Considerações sobre a importância dos evangélicos nas eleições

O Partido dos Trabalhadores (PT) é igual e oposto ao Partido dos Evangélicos (PE)? São dois partidos políticos no sentido de serem instrumentos para ações coletivas em busca de poder republicano em um Estado constitucionalmente laico?
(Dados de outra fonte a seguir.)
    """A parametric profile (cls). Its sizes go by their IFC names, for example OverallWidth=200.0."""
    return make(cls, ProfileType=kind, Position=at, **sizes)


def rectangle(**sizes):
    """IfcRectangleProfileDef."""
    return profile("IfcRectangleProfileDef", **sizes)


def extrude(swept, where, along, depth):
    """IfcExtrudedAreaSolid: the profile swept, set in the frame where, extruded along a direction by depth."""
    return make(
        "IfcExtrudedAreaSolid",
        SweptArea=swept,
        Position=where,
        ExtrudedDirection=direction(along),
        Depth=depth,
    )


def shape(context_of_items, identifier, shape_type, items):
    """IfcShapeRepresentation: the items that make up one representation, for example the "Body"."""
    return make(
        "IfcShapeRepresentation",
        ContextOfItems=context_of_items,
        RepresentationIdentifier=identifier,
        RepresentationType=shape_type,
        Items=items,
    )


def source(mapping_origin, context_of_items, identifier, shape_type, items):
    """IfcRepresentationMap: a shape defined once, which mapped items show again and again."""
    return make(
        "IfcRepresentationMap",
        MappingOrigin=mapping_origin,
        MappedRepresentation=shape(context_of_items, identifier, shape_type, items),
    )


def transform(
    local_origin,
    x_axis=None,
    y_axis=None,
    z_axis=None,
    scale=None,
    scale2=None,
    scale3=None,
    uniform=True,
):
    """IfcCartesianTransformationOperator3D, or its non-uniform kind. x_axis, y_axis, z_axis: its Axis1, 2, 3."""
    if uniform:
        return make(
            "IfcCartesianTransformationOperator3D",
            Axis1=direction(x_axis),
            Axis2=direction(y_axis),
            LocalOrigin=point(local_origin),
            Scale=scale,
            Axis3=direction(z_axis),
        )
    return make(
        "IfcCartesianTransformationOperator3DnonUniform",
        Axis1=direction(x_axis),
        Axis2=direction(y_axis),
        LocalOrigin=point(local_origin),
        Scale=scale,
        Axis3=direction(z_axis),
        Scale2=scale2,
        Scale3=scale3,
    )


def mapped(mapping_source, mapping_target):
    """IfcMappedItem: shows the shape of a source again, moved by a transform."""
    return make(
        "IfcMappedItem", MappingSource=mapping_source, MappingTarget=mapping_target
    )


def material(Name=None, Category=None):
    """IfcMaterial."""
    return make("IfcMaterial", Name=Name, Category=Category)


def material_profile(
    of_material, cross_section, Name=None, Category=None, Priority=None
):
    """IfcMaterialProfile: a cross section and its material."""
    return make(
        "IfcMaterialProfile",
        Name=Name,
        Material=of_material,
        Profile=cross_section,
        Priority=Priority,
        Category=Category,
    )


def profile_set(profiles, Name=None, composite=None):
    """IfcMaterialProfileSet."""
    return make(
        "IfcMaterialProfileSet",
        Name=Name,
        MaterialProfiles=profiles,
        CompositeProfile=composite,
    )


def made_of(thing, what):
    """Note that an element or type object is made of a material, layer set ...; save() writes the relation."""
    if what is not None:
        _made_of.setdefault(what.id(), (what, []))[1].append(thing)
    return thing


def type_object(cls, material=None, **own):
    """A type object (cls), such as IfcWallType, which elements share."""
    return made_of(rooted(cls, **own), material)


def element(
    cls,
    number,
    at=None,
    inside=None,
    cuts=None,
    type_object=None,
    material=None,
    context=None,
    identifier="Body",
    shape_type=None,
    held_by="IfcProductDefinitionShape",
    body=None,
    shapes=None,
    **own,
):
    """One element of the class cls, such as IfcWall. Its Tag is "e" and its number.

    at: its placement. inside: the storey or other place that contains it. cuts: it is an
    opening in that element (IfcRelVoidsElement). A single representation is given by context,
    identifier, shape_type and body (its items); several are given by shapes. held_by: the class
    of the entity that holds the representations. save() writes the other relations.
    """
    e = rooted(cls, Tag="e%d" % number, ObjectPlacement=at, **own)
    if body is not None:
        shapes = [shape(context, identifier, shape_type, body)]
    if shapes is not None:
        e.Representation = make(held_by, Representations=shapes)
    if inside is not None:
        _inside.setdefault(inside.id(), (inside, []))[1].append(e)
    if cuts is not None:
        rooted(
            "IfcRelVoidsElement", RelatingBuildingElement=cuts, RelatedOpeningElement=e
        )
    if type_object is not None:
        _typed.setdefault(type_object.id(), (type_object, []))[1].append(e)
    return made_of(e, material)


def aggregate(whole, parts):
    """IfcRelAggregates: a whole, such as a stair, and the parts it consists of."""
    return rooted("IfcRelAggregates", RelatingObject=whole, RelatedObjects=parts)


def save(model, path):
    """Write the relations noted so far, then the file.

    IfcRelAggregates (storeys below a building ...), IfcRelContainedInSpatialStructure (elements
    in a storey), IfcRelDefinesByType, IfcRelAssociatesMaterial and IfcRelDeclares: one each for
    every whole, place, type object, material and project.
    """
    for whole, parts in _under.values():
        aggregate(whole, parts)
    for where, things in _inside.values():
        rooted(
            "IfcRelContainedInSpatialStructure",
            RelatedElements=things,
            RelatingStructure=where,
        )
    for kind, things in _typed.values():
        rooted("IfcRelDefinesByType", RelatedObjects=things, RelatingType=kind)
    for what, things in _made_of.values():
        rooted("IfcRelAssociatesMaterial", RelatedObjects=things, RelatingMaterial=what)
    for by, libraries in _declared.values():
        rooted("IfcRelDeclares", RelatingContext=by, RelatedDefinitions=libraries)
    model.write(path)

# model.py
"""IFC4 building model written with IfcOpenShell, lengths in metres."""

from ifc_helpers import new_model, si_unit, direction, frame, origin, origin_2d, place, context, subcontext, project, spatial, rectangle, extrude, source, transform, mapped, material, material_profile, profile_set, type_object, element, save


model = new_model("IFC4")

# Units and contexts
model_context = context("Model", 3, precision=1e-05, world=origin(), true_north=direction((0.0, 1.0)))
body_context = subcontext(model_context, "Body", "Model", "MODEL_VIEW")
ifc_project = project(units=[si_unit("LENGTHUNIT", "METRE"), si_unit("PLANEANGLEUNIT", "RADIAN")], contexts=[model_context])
Tinham o mesmo número de simpatizantes, segundo a Datafolha anterior, porém, o Partido dos Evangélicos percentualmente tinha menos trabalhadores e mais crentes entre os 10% mais ricos em renda familiar mensal no Brasil. Na pesquisa feita em 18 de agosto de 2022 houve elevação do número de eleitores simpatizantes do PT para 42,2 milhões frente aos 39,1 milhões de crentes. Mas 1/5 dos evangélicos são simpatizantes do Partido dos Trabalhadores.

Se o PT tem mais de ¼ de eleitores simpatizantes e os “sem partido” são metade de todo o eleitorado, cada petista deve convencer um deles.

A Frente Parlamentar Evangélica do Congresso Nacional, em 17 de abril de 2019, tinha 202 deputados e 9 senadores. Tinha deputados de 19 partidos, inclusive 4 eram do PT, comprovando ocupar diversos espaços institucionais.

Embora chamada de evangélica, ela inclui parlamentares com fé católica, espírita ou ainda quem não assume nenhuma religião. O Partido Liberal (PL), partido atual do presidente passageiro, tem a maior representatividade, com 42 parlamentares. O Republicanos, vinculado à Igreja Universal do Reino de Deus (IURD), e o Partido Social Democrático (PSD), vêm em sequência, com 29 e 28 signatários, respectivamente.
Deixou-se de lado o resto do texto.